Возможно, он просто скажет мне: «Трахни ее, а там будет видно», — как говорил всякий раз, когда за четыре года моих метаний без Доминик, после первого поцелуя я уже рисовал себе картины вечной любви. Он же никогда не воспринимал свою влюбленность как отправную точку, скорее, как вишенку на торте. С женой-инвалидкой на руках, за которой он ухаживал дома, под постоянным прицелом налогового инспектора, по уши в долгах из-за творческого кризиса, да еще с его-то внешностью — этакий синюшный гном — он мог выбирать себе муз лишь из числа уцененных девочек по вызову.

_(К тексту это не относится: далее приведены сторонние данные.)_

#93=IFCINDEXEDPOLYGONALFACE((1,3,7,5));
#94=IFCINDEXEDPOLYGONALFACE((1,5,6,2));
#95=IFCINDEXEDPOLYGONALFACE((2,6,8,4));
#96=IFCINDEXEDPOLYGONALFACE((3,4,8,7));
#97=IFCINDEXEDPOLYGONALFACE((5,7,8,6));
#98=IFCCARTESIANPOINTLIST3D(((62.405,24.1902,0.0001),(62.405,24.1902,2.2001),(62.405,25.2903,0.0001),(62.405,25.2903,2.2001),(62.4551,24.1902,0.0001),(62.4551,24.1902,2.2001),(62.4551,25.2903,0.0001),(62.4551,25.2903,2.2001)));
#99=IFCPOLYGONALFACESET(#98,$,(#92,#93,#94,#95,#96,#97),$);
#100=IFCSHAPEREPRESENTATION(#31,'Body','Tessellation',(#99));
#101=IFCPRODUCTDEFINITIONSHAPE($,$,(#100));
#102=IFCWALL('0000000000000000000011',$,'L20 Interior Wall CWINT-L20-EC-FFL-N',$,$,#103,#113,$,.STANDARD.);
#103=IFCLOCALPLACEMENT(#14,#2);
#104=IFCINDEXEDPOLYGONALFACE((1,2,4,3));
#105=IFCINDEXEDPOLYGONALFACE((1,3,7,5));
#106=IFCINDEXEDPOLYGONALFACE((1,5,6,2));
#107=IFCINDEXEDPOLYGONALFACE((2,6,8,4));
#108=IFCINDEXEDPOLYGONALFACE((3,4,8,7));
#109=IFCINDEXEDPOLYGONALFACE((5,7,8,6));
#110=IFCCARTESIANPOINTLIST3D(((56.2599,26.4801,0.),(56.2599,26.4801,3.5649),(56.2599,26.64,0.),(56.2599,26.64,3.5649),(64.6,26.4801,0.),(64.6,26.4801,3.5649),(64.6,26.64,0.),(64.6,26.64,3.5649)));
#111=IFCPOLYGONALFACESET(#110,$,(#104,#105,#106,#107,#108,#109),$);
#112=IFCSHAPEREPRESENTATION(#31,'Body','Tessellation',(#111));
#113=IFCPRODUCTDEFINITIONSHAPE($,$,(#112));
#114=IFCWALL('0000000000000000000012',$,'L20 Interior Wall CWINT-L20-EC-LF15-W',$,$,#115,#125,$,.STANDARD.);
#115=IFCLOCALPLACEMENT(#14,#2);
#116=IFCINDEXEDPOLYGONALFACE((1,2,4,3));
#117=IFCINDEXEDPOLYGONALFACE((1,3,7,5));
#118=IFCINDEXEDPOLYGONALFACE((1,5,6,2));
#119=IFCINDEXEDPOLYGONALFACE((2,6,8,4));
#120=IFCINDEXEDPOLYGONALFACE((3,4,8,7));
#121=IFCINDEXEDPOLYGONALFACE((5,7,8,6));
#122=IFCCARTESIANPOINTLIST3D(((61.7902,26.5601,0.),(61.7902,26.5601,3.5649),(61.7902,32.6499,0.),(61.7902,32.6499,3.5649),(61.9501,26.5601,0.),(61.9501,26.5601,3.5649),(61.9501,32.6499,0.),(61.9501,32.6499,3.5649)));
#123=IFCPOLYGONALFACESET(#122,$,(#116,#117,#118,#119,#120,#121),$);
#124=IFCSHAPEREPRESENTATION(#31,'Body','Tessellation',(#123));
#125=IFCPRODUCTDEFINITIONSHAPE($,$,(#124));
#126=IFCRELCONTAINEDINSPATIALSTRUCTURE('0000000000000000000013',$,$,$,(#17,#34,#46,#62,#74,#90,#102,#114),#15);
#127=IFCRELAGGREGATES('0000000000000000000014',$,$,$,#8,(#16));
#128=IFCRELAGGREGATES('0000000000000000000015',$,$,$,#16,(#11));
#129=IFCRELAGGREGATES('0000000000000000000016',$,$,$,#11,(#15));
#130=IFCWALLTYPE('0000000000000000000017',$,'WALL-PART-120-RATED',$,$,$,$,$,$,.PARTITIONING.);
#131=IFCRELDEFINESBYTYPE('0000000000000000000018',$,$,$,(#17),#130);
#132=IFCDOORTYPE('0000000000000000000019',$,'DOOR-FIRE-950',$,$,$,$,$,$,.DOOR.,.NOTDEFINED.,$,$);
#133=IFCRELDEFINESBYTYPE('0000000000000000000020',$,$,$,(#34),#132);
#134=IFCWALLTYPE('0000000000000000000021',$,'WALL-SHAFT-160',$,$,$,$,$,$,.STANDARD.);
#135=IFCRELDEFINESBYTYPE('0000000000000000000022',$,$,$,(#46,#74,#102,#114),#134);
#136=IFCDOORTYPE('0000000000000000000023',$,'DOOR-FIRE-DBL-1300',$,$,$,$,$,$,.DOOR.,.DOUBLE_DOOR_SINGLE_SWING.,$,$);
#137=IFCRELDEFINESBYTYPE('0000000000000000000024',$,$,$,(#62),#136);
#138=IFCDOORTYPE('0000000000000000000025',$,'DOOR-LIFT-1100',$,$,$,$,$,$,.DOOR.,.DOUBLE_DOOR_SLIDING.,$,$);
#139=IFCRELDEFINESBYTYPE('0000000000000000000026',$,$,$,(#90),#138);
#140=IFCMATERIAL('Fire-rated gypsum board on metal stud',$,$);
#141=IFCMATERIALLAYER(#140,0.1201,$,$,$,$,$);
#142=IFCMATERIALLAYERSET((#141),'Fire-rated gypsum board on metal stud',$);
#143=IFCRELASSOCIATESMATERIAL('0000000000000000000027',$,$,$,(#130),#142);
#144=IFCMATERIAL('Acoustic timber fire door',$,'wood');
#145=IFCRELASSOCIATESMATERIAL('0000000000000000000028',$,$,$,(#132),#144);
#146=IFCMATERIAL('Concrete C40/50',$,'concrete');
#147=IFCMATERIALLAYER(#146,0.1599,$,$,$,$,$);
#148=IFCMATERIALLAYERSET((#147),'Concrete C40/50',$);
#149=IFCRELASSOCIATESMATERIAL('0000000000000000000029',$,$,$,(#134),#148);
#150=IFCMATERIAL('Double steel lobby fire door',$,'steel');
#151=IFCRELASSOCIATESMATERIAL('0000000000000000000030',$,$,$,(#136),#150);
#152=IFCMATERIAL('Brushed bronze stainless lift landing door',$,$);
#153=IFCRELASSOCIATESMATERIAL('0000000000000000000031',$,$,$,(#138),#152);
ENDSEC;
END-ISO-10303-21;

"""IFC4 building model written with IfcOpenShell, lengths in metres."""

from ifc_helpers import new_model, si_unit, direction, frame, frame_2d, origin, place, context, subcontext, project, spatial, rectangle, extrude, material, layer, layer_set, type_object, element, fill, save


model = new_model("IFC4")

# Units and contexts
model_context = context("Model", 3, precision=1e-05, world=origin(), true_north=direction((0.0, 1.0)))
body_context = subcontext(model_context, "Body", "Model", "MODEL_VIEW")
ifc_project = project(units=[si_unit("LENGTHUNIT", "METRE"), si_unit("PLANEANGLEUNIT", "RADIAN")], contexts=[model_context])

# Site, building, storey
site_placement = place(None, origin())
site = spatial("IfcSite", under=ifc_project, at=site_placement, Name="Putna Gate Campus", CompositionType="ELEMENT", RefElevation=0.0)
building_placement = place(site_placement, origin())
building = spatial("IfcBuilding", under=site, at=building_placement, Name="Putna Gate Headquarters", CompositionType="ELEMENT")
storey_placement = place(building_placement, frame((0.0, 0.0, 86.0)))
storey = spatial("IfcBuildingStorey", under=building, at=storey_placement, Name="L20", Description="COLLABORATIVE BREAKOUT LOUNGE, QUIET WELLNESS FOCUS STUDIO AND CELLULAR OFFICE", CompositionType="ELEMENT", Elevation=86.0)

Словом, Господь и Государство давно отняли у него торт, и вопрос о вишенке отпал сам собой. Но что бы он мне ни ответил, я уверен, имя Ришара Глена зажжет в его глазах искорку, столь необходимую мне, чтобы воскресить того юношу, которому адресовано письмо из Брюгге.
В этом году Эли поместили в павильон «В» для пациентов, поступивших сюда впервые и добровольно. В его родном отделении «F» для матерых больных мест не было. «Они меня обнулили», — заявил он мне по телефону с тоскливым сарказмом. Справившись в регистратуре, я иду с конвертом в кармане к палате номер пятнадцать. Дверь открыта, кровать заправлена. Окно без ручки, ванна без крана. Здесь боятся суицидов, поэтому медсестры носят съемные ручки и краны с собой, сами проветривают палаты и наливают ванны. Полная изоляция. Белые венецианские шторы пропускают лишь слабый и рассеянный неоновый свет, тишина абсолютная, и в комнате ничем не пахнет. Воздержание. Значит, алкоголиков лечат фильтрацией жизни, ограничивая их в звуках, запахах и свете? В тот день, когда окончательно запретят пить и курить, на стенах напишут: «Жизнь опасна для здоровья» вместе с номером статьи соответствующего закона в Конституции.